Мы полагаем поэтому, что механически понимаемый "возврат" к традиции
способен лишь усугубить кризис современной науки. Рассмотренные выше попытки
такого возврата апеллируют не к религиозным, а к магическим аспектам
традиции.

"Надеюсь, в свое время мы [бесы] так научимся разбавлять науку эмоциями
и мифами, что вера в нас (под измененным названием) проберется и обоснуется
в них, тогда как душа человека останется закрытой для веры во Врага [т.е. в
Бога; текст написан от имени беса]... Если нам когда-либо удастся создать
изделие высшего качества - мага-материалиста, не только использующего, но и
почитающего то, что он туманно и расплывчато называет "силами", отрицая при
этом невидимый мир, мы будем близки к победному концу" (К. Льюис. Письма
Баламута).

"Прагматическое" язычество, несомненно, "хуже" (опаснее) материализма,
потому что дает больше возможностей, которые легко могут быть использованы в
дурных или темных целях, а также укрепляет человеческую глупость, эгоизм и
чувство собственной важности.
Разумеется, мы не хотим сказать, что ситуация с наукой - какая-то
особенно неблагополучная. Речь идет о явлениях вполне глобальных, просто нам
лично проще проследить общие эсхатологические процессы на примерах,
связанных с профессиональной деятельностью. Другие, вероятно, могли бы
написать лучше об эсхатологии современного бизнеса, современной политики,
современного парикмахерского искусства, и т.д., и т.п. У мира как целого
надежды, в общем, нет. Но надежда всегда есть у личности, у внутреннего
человека, ибо Тот, Кто в нас больше того, кто в мире (1 Иоанна 4:4).

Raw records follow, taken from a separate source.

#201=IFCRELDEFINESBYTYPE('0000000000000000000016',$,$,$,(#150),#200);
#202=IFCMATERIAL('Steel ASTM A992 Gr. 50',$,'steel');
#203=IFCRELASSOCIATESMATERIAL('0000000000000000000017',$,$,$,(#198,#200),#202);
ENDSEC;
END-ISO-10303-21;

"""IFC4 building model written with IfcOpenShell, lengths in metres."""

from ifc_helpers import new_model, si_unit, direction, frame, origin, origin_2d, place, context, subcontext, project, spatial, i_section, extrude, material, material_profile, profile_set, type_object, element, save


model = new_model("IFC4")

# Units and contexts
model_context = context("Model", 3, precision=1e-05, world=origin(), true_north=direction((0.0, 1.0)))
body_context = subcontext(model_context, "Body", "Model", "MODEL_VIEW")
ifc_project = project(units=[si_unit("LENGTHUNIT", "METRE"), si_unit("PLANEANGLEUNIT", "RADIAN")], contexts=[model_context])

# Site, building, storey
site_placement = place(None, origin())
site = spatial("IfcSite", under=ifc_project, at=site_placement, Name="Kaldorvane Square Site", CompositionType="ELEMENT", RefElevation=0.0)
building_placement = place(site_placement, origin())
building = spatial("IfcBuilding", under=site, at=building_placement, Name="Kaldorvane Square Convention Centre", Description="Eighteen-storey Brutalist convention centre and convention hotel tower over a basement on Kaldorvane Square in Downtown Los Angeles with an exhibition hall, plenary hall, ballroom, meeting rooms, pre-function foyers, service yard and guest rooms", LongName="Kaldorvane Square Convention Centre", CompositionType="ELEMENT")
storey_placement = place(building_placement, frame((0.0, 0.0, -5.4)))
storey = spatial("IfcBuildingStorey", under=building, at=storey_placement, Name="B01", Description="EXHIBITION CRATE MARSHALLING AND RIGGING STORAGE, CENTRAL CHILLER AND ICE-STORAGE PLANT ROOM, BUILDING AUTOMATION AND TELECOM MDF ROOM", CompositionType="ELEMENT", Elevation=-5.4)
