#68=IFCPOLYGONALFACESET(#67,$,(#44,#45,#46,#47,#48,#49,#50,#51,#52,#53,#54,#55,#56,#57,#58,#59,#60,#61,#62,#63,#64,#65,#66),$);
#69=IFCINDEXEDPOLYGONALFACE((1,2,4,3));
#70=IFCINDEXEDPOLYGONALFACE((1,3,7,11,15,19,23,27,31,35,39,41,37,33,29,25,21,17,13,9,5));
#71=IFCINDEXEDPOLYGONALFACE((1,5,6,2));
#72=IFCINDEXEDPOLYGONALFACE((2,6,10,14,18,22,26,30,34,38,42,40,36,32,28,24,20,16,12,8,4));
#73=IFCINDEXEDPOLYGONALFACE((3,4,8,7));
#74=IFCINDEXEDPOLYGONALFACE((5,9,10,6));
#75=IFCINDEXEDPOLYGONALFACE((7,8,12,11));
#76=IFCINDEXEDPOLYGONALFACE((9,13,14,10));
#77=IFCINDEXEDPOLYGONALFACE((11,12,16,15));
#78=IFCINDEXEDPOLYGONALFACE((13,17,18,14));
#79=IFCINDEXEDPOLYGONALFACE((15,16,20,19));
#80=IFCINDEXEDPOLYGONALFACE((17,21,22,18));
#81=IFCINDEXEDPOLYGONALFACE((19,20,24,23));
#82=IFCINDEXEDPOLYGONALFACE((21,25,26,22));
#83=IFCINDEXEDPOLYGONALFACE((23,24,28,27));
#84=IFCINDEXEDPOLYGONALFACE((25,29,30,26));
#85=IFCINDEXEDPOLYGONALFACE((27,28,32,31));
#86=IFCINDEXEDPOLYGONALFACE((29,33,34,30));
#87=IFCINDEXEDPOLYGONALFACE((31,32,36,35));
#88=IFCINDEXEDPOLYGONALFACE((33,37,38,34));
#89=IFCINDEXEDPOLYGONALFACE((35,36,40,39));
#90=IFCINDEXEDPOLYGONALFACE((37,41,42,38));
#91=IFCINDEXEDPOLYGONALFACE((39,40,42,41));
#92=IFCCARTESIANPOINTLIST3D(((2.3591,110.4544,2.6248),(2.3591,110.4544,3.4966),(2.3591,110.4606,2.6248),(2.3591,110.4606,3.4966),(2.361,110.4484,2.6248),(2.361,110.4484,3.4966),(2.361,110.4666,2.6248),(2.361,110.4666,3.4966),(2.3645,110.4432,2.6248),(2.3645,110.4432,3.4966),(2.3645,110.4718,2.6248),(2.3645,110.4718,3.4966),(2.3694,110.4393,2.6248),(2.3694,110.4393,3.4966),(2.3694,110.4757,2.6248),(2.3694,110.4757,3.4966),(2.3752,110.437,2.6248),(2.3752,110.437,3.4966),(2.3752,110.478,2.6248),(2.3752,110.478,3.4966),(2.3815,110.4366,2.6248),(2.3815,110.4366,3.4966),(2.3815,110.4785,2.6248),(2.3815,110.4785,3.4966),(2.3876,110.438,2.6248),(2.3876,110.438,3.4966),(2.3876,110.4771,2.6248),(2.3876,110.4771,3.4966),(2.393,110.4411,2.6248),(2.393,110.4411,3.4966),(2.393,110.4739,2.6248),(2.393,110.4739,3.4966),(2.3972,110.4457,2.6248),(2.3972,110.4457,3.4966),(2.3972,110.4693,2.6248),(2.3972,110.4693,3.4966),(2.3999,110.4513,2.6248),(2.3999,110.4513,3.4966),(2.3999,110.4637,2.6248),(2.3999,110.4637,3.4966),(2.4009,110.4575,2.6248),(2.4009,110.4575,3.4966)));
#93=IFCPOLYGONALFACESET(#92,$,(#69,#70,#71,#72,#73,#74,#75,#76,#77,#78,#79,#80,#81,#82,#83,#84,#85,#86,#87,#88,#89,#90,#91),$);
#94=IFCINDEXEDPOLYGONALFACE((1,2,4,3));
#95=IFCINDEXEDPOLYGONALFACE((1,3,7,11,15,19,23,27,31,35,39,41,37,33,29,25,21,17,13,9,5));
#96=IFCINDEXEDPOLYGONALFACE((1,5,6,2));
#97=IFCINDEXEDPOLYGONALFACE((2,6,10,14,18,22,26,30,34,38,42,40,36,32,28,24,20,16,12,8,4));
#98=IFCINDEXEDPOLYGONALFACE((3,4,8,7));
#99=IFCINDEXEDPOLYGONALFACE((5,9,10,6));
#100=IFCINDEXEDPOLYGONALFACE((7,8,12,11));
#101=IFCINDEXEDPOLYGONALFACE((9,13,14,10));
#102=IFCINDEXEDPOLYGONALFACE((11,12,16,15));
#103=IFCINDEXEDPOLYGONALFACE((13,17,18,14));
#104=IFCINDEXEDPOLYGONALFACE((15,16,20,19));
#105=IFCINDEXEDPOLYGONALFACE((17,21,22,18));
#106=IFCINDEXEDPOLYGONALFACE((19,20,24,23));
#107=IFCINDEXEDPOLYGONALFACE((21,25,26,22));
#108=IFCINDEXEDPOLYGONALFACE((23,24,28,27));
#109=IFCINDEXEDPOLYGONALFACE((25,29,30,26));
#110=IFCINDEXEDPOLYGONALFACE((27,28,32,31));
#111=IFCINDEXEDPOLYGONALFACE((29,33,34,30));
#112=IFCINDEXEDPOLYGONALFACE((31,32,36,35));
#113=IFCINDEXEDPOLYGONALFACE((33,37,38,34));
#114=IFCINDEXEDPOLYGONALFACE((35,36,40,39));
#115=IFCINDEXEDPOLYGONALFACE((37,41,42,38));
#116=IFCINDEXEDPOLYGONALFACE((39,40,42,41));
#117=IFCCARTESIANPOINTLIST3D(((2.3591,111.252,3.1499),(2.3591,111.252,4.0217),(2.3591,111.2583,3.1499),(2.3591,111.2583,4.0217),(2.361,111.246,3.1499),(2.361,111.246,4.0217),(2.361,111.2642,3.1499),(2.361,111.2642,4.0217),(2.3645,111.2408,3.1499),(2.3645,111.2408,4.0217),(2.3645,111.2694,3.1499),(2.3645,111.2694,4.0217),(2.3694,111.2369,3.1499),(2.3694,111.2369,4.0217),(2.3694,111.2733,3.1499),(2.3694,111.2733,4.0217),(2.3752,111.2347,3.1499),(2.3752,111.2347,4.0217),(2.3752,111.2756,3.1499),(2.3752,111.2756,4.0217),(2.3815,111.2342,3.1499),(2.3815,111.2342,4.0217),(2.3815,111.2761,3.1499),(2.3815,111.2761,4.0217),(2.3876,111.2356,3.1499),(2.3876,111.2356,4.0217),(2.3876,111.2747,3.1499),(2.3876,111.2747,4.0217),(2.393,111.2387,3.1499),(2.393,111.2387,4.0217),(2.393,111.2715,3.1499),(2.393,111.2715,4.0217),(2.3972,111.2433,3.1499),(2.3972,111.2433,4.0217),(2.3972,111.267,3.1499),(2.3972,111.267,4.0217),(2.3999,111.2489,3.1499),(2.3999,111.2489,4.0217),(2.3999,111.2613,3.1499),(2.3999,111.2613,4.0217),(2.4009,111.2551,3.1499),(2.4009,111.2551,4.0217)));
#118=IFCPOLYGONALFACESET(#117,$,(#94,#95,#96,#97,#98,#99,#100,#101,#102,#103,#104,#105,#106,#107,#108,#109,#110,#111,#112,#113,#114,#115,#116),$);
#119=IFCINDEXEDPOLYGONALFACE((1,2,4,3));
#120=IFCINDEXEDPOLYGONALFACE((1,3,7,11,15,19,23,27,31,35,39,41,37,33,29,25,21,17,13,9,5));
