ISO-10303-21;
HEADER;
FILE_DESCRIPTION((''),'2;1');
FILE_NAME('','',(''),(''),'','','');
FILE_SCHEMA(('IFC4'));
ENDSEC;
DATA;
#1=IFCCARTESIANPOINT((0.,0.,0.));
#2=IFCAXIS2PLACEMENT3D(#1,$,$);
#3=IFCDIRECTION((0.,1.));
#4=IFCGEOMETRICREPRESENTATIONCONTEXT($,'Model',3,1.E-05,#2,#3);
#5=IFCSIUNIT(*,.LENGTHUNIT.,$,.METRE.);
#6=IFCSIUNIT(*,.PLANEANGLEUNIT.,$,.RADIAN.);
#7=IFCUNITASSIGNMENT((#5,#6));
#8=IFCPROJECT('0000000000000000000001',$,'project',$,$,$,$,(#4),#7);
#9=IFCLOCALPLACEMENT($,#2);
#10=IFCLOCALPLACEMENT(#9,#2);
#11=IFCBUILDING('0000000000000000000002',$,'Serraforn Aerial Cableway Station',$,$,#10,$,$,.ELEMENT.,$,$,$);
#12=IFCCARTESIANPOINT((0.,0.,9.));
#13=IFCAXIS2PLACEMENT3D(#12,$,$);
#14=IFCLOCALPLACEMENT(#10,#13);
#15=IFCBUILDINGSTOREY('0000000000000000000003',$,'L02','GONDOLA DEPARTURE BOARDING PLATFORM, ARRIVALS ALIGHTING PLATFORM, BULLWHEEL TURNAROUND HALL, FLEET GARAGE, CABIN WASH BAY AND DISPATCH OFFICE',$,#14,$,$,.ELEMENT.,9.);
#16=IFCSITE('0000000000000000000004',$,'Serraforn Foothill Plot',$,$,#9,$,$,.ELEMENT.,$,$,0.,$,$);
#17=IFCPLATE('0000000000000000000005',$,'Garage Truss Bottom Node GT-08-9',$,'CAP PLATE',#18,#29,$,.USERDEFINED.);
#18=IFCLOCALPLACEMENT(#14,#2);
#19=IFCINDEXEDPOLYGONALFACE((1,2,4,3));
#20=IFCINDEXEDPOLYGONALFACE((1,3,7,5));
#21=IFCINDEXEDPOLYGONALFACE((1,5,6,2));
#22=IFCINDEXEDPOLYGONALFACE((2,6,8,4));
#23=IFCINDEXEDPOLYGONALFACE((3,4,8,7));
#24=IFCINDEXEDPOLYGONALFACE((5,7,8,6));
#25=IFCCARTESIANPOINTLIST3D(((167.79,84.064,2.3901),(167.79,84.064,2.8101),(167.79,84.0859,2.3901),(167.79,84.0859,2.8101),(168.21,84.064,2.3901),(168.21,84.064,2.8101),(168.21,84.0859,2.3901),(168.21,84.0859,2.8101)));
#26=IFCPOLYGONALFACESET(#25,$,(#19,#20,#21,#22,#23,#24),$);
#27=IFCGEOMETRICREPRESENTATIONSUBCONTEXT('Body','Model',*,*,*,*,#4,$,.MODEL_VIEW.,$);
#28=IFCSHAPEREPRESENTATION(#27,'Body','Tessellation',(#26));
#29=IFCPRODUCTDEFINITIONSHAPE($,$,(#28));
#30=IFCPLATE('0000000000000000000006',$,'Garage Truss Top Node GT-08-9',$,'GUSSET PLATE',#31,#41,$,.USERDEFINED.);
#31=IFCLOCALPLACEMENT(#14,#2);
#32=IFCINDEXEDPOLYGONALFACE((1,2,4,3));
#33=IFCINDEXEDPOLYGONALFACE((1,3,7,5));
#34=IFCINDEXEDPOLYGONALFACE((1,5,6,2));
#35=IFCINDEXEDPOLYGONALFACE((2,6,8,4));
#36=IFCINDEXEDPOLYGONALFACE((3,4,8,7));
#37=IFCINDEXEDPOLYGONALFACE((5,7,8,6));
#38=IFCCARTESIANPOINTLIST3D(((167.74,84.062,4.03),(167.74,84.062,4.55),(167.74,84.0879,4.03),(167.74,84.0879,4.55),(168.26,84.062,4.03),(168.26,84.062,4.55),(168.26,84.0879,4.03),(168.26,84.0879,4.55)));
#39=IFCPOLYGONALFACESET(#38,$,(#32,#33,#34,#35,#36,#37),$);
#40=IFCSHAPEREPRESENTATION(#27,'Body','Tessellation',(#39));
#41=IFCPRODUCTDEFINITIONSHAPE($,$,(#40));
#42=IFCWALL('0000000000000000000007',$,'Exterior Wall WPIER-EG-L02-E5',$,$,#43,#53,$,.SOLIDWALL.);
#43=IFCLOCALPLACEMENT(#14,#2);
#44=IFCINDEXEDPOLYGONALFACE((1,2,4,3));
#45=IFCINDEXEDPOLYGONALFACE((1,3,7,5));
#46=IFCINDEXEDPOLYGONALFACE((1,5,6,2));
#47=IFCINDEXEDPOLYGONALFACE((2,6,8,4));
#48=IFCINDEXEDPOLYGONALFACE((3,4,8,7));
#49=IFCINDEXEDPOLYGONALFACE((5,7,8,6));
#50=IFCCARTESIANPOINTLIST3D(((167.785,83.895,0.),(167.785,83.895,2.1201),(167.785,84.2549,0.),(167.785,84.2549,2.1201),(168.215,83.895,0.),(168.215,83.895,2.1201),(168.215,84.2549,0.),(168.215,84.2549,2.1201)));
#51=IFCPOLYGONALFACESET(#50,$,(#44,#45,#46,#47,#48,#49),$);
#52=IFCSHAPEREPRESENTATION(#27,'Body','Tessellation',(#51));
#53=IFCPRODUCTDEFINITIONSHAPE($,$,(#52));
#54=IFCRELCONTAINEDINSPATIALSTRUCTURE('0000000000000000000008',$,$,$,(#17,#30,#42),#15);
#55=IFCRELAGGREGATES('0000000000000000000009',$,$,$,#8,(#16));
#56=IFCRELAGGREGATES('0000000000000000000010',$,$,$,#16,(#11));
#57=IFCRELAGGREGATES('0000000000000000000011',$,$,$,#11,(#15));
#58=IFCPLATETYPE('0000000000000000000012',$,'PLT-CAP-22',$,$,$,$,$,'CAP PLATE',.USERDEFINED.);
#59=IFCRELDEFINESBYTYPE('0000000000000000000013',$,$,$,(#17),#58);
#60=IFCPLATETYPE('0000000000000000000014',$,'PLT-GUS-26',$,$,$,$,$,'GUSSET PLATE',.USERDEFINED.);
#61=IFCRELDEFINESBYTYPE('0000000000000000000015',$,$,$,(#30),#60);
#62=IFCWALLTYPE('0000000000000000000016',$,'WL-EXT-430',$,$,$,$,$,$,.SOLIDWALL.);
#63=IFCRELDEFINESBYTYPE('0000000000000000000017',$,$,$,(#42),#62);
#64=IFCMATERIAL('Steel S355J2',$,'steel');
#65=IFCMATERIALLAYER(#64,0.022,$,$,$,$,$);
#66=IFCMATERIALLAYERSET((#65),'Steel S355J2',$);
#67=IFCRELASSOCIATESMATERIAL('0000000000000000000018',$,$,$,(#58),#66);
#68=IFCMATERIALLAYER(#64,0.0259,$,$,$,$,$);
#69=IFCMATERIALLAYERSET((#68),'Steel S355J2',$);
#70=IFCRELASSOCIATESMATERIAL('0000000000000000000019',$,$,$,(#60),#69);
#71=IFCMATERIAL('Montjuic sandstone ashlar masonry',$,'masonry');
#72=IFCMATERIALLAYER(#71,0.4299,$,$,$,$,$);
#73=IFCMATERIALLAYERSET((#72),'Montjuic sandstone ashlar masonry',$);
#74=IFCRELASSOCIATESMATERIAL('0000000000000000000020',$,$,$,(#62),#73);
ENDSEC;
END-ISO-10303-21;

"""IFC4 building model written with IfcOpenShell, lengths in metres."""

from ifc_helpers import new_model, si_unit, direction, frame, frame_2d, origin, origin_2d, place, context, subcontext, project, spatial, rectangle, extrude, material, layer, layer_set, type_object, element, save


model = new_model("IFC4")

# Units and contexts
model_context = context("Model", 3, precision=1e-05, world=origin(), true_north=direction((0.0, 1.0)))
body_context = subcontext(model_context, "Body", "Model", "MODEL_VIEW")
ifc_project = project(units=[si_unit("LENGTHUNIT", "METRE"), si_unit("PLANEANGLEUNIT", "RADIAN")], contexts=[model_context])

# Site, building, storey
site_placement = place(None, origin())
site = spatial("IfcSite", under=ifc_project, at=site_placement, Name="Serraforn Foothill Plot", CompositionType="ELEMENT", RefElevation=0.0)
building_placement = place(site_placement, origin())
building = spatial("IfcBuilding", under=site, at=building_placement, Name="Serraforn Aerial Cableway Station", CompositionType="ELEMENT")
storey_placement = place(building_placement, frame((0.0, 0.0, 9.0)))
storey = spatial("IfcBuildingStorey", under=building, at=storey_placement, Name="L02", Description="GONDOLA DEPARTURE BOARDING PLATFORM, ARRIVALS ALIGHTING PLATFORM, BULLWHEEL TURNAROUND HALL, FLEET GARAGE, CABIN WASH BAY AND DISPATCH OFFICE", CompositionType="ELEMENT", Elevation=9.0)

# Shared definitions
ifc_material_1 = material(Name="Steel S355J2", Category="steel")

# Plates
ifc_layer_1 = layer(ifc_material_1, 0.022)
ifc_layer_set_1 = layer_set([ifc_layer_1], Name="Steel S355J2")
plate_type_1 = type_object("IfcPlateType", Name="PLT-CAP-22", ElementType="CAP PLATE", PredefinedType="USERDEFINED", material=ifc_layer_set_1)
plate_1_placement = place(storey_placement, frame((168.0, 84.075, 2.3901), z_axis=(0.0, 0.0, 1.0), x_axis=(1.0, 0.0, 0.0)))
element("IfcPlate", 1, at=plate_1_placement, inside=storey, type_object=plate_type_1, Name="Garage Truss Bottom Node GT-08-9", ObjectType="CAP PLATE", PredefinedType="USERDEFINED", context=body_context, shape_type="SweptSolid", body=[
    extrude(rectangle(XDim=0.4199, YDim=0.022, at=origin_2d()), origin(), (0.0, 0.0, 1.0), 0.4199),
])
ifc_layer_2 = layer(ifc_material_1, 0.0259)
ifc_layer_set_2 = layer_set([ifc_layer_2], Name="Steel S355J2")
plate_type_2 = type_object("IfcPlateType", Name="PLT-GUS-26", ElementType="GUSSET PLATE", PredefinedType="USERDEFINED", material=ifc_layer_set_2)
plate_2_placement = place(storey_placement, frame((168.0, 84.075, 4.03), z_axis=(0.0, 0.0, 1.0), x_axis=(1.0, 0.0, 0.0)))
element("IfcPlate", 2, at=plate_2_placement, inside=storey, type_object=plate_type_2, Name="Garage Truss Top Node GT-08-9", ObjectType="GUSSET PLATE", PredefinedType="USERDEFINED", context=body_context, shape_type="SweptSolid", body=[
    extrude(rectangle(XDim=0.52, YDim=0.0259, at=origin_2d()), origin(), (0.0, 0.0, 1.0), 0.52),
])

# Wall
ifc_material_2 = material(Name="Montjuic sandstone ashlar masonry", Category="masonry")
ifc_layer_3 = layer(ifc_material_2, 0.4299)
ifc_layer_set_3 = layer_set([ifc_layer_3], Name="Montjuic sandstone ashlar masonry")
wall_type = type_object("IfcWallType", Name="WL-EXT-430", PredefinedType="SOLIDWALL", material=ifc_layer_set_3)
wall_placement = place(storey_placement, frame((168.0, 83.895, 0.0), z_axis=(0.0, 0.0, 1.0), x_axis=(0.0, 1.0, 0.0)))
element("IfcWall", 3, at=wall_placement, inside=storey, type_object=wall_type, Name="Exterior Wall WPIER-EG-L02-E5", PredefinedType="SOLIDWALL", context=body_context, shape_type="SweptSolid", body=[
    extrude(rectangle(XDim=0.3599, YDim=0.4299, at=frame_2d((0.1799, 0.0))), origin(), (0.0, 0.0, 1.0), 2.1201),
])

save(model, "model.ifc")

Снаружи - студеная ночь пустыни. Эта, другая ночь - внутри -
разгорается все жарче.
Пусть ландшафт покрыла колючая корка, здесь у нас мягкий сад.
Континенты взорваны, города и селения - все
превращается в сожженный почерневший шар.
Услышанные нами новости полны скорби об этом будущем,
но настоящая новость здесь, внутри,
состоит в том, что вообще нет никаких новостей.